L'indirizzo è: www.ilcontadodelmolise.com
Il webmaster è Paolo
Santoianni, anche lui santacrocese. Anche se non siamo esperti di
cinofilia, la lettura delle pagine del sito e la vista di tante immagini
e di foto dei NOSTRI cani, ci ha (diciamo la verità) un po'
emozionati.
Abbiamo un'età giovane e non abbiamo vissuto quei tempi in cui il Cane
Corso era considerato, molto più di quanto lo sia oggi, un vero
"aiutante" dei contadini, dei fattori, dei pastori, dei
bovari, ecc. della nostra Terra.
Ma siamo stati felici di leggere i racconti di un tempo antico che la
nostra Gente più anziana certamente non ha dimenticato. Abbiamo visto
nel sito anche i disegni di un altro nostro conosciutissimo
compaesano, il Sign.

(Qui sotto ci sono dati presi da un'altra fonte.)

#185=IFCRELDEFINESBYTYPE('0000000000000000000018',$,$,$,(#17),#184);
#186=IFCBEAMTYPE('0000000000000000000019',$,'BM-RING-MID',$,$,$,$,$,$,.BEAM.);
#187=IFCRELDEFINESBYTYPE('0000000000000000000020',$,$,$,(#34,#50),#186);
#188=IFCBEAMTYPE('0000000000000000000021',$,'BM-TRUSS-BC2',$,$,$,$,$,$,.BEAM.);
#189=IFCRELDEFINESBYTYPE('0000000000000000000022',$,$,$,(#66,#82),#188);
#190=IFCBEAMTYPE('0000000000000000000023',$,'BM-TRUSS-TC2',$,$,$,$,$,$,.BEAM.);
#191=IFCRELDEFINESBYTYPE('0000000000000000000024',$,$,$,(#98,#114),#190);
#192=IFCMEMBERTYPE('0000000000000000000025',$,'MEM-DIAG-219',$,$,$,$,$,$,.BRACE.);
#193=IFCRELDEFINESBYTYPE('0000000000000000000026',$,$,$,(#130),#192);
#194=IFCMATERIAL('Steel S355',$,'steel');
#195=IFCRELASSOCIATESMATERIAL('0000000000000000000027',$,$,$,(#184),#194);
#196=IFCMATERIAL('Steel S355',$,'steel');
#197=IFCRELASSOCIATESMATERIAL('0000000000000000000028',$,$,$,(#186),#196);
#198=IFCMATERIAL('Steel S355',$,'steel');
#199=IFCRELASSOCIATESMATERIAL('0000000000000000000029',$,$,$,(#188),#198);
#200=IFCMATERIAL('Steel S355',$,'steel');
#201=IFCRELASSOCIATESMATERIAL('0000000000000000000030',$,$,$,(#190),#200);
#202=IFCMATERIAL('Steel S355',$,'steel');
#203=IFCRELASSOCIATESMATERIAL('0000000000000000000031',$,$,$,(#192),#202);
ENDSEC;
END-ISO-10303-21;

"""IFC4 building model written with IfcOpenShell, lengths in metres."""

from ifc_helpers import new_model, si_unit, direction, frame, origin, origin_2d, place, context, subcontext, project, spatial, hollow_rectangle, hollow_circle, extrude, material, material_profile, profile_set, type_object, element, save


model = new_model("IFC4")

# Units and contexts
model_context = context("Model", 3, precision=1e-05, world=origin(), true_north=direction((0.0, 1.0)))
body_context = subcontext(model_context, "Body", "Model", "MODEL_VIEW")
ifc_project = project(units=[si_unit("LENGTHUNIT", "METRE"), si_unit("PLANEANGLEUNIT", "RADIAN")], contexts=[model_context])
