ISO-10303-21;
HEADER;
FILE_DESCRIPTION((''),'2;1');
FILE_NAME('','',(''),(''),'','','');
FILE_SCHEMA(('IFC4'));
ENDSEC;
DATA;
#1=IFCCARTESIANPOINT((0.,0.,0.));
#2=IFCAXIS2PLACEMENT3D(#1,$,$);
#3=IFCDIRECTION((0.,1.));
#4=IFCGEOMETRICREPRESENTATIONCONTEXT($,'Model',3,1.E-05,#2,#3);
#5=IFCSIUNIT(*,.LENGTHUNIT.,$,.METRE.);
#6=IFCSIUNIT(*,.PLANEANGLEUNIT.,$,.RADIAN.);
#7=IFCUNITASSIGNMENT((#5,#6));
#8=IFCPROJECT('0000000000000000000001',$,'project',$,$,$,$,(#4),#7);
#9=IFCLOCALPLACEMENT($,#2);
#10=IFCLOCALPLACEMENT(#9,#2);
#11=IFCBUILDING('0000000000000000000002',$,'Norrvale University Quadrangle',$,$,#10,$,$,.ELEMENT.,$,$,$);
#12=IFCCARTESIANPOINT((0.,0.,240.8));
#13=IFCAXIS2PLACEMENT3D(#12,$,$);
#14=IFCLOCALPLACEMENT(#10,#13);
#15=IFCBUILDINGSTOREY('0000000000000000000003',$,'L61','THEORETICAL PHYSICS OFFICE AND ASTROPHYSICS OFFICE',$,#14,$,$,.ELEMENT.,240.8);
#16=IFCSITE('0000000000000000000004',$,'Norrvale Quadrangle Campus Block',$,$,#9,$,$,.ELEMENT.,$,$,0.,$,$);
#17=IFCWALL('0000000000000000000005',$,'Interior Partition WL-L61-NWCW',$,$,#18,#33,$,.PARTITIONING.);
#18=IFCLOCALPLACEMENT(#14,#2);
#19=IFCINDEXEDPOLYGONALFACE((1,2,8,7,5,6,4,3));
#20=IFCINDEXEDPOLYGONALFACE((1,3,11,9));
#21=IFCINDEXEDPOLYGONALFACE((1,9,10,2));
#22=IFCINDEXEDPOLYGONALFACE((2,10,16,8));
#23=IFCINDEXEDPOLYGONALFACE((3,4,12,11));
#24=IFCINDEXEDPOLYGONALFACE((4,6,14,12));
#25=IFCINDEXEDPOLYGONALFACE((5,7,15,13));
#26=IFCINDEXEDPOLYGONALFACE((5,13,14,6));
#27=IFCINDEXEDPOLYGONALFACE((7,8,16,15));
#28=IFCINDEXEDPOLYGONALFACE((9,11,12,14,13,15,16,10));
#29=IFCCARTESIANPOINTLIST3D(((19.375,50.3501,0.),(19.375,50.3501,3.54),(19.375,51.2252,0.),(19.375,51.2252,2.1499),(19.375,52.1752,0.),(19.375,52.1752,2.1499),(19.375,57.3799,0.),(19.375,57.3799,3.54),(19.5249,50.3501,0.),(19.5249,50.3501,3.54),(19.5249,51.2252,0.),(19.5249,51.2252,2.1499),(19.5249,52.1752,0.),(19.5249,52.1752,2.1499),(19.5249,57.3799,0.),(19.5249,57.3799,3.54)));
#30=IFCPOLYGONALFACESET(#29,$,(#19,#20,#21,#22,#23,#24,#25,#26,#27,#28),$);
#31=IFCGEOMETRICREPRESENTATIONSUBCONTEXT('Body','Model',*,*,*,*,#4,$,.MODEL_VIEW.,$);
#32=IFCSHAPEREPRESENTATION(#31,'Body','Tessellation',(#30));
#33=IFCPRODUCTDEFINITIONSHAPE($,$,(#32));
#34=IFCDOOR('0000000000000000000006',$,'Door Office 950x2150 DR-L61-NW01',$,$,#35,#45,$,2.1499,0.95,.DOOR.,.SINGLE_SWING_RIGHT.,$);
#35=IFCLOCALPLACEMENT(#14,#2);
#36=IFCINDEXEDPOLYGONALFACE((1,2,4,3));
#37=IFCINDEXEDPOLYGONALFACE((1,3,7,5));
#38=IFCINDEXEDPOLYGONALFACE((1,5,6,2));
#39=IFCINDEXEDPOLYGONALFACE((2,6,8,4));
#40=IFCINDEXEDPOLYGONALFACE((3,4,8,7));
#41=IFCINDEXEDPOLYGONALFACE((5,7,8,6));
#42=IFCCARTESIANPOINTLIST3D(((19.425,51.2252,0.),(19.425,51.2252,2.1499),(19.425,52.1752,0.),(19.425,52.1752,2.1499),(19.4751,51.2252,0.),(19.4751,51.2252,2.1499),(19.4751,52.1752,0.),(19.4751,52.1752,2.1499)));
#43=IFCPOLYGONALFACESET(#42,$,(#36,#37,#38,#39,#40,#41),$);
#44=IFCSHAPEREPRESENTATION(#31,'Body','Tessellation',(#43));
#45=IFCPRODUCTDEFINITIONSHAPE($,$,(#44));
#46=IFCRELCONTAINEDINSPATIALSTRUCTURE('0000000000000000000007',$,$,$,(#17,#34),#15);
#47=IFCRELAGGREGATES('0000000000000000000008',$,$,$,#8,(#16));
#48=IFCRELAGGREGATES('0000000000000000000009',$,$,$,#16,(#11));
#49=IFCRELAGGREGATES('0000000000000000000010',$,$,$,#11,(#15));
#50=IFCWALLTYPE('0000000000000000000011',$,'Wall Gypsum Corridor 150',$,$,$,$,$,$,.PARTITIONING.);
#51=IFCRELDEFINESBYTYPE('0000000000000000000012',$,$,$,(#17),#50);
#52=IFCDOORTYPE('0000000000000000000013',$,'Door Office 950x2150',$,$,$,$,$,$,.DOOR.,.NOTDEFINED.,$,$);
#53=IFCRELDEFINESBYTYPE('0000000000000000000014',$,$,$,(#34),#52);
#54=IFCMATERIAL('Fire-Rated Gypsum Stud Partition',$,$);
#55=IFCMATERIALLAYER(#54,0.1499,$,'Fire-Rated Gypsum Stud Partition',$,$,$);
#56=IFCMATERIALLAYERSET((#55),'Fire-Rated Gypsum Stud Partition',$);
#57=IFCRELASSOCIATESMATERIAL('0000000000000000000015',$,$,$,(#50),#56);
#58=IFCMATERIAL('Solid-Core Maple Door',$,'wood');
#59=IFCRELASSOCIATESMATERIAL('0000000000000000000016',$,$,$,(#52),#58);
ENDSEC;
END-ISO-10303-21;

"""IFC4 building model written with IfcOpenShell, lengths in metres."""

from ifc_helpers import new_model, si_unit, direction, frame, frame_2d, origin, place, context, subcontext, project, spatial, rectangle, extrude, material, layer, layer_set, type_object, element, fill, save


model = new_model("IFC4")

# Units and contexts
model_context = context("Model", 3, precision=1e-05, world=origin(), true_north=direction((0.0, 1.0)))
body_context = subcontext(model_context, "Body", "Model", "MODEL_VIEW")
ifc_project = project(units=[si_unit("LENGTHUNIT", "METRE"), si_unit("PLANEANGLEUNIT", "RADIAN")], contexts=[model_context])

# Site, building, storey
site_placement = place(None, origin())
site = spatial("IfcSite", under=ifc_project, at=site_placement, Name="Norrvale Quadrangle Campus Block", CompositionType="ELEMENT", RefElevation=0.0)
building_placement = place(site_placement, origin())
building = spatial("IfcBuilding", under=site, at=building_placement, Name="Norrvale University Quadrangle", CompositionType="ELEMENT")
storey_placement = place(building_placement, frame((0.0, 0.0, 240.8)))
storey = spatial("IfcBuildingStorey", under=building, at=storey_placement, Name="L61", Description="THEORETICAL PHYSICS OFFICE AND ASTROPHYSICS OFFICE", CompositionType="ELEMENT", Elevation=240.8)

# Shared definitions
ifc_material_1 = material(Name="Fire-Rated Gypsum Stud Partition")
ifc_layer_1 = layer(ifc_material_1, 0.1499, Name="Fire-Rated Gypsum Stud Partition")
ifc_layer_set_1 = layer_set([ifc_layer_1], Name="Fire-Rated Gypsum Stud Partition")
wall_type_1 = type_object("IfcWallType", Name="Wall Gypsum Corridor 150", PredefinedType="PARTITIONING", material=ifc_layer_set_1)

# Shared definitions
ifc_material_2 = material(Name="Solid-Core Maple Door", Category="wood")
door_type_1 = type_object("IfcDoorType", Name="Door Office 950x2150", OperationType="NOTDEFINED", PredefinedType="DOOR", material=ifc_material_2)

# Wall, opening, door
wall_1_placement = place(storey_placement, frame((19.45, 50.3501, 0.0), z_axis=(0.0, 0.0, 1.0), x_axis=(0.0, 1.0, 0.0)))
wall_1 = element("IfcWall", 1, at=wall_1_placement, inside=storey, type_object=wall_type_1, Name="Interior Partition WL-L61-NWCW", PredefinedType="PARTITIONING", context=body_context, shape_type="SweptSolid", body=[
    extrude(rectangle(XDim=7.0298, YDim=0.1499, at=frame_2d((3.5149, 0.0))), origin(), (0.0, 0.0, 1.0), 3.54),
])
opening_1_placement = place(wall_1_placement, frame((0.875, 0.0, 0.0)))
opening_1 = element("IfcOpeningElement", 2, at=opening_1_placement, cuts=wall_1, PredefinedType="OPENING", context=body_context, shape_type="SweptSolid", body=[
    extrude(rectangle(XDim=0.95, YDim=2.1499, at=frame_2d((0.4751, 1.075))), frame((0.0, 0.0869, 0.0), z_axis=(0.0, -1.0, 0.0), x_axis=(1.0, 0.0, 0.0)), (0.0, 0.0, 1.0), 0.1738),
])
door_1_placement = place(opening_1_placement, origin())
door_1 = element("IfcDoor", 3, at=door_1_placement, inside=storey, type_object=door_type_1, Name="Door Office 950x2150 DR-L61-NW01", OperationType="SINGLE_SWING_RIGHT", OverallHeight=2.1499, OverallWidth=0.95, PredefinedType="DOOR", context=body_context, shape_type="SweptSolid", body=[
    extrude(rectangle(XDim=0.95, YDim=2.1499, at=frame_2d((0.4751, 1.075))), frame((0.0, 0.0249, 0.0), z_axis=(0.0, -1.0, 0.0), x_axis=(1.0, 0.0, 0.0)), (0.0, 0.0, 1.0), 0.05),
])
fill(opening_1, door_1)

save(model, "model.ifc")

Pietro Mastrangelo, che con il pregevole tratto
della sua matita ha saputo trasmetterci l'immagine visiva di quanto
negli scritti è raccontato con una prosa appassionata che nasce dal
profondo del cuore e dal disinteressato amore per la natura e per la
nostra tradizione.
Grazie, Flavio!!
Abbiamo visto che il Sito,
ad una settimana appena dalla sua nascita, è stato visitato anche
dall'estero (Stati Uniti, Olanda, Belgio, Canada, Russia e, perfino,
Singapore) e pensiamo che ciò, anche se per un aspetto particolare, ha
contribuito a diffondere il nome di Santa Croce di Magliano nel mondo.
A
parte gli articoli tecnici riservati a chi ha una base di conoscenza
cinofila (ma tutto è facilmente comprensibile da chiunque),
certamente le Sezioni "Piccolo mondo antico" (con la
descrizione del lavoro dei cani della Masseria, del Cane da pagliaio,
del Cane da capraio ecc.), "Storia e tradizione" (a
partire dall'antica Roma), e le tantissime foto di cani antichi e dei
giorni d'oggi (alcuni li vediamo ogni tanto per Santa Croce e per i
paesi vicini) saranno di sicuro interesse per tutti.
Il sito non è ancora completo; Paolo ci dice che il materiale è
tantissimo e che ci vorrà del tempo prima di finire il lavoro.
Ma qual è l'impegno di
Flavio (come cinofilo, perché come veterinario lo conosciamo tutti)?
Flavio da tantissimi anni combatte, fra mille ostacoli, una battaglia
intesa a preservare il Cane Corso Tradizionale da quegli inquinamenti
che ne stanno mettendo a rischio la conservazione.
Fra le altre cose, con la sua passione è riuscito a mantenere in
vita, per otto generazioni di cani, una linea di sangue di antichissime
origini. Il suo pensiero si inquadra in quello dei grandi Maestri
della cinofilia, secondo cui la bellezza di un cane non và intesa
nell'aspetto estetico bensì nella sua funzionalità.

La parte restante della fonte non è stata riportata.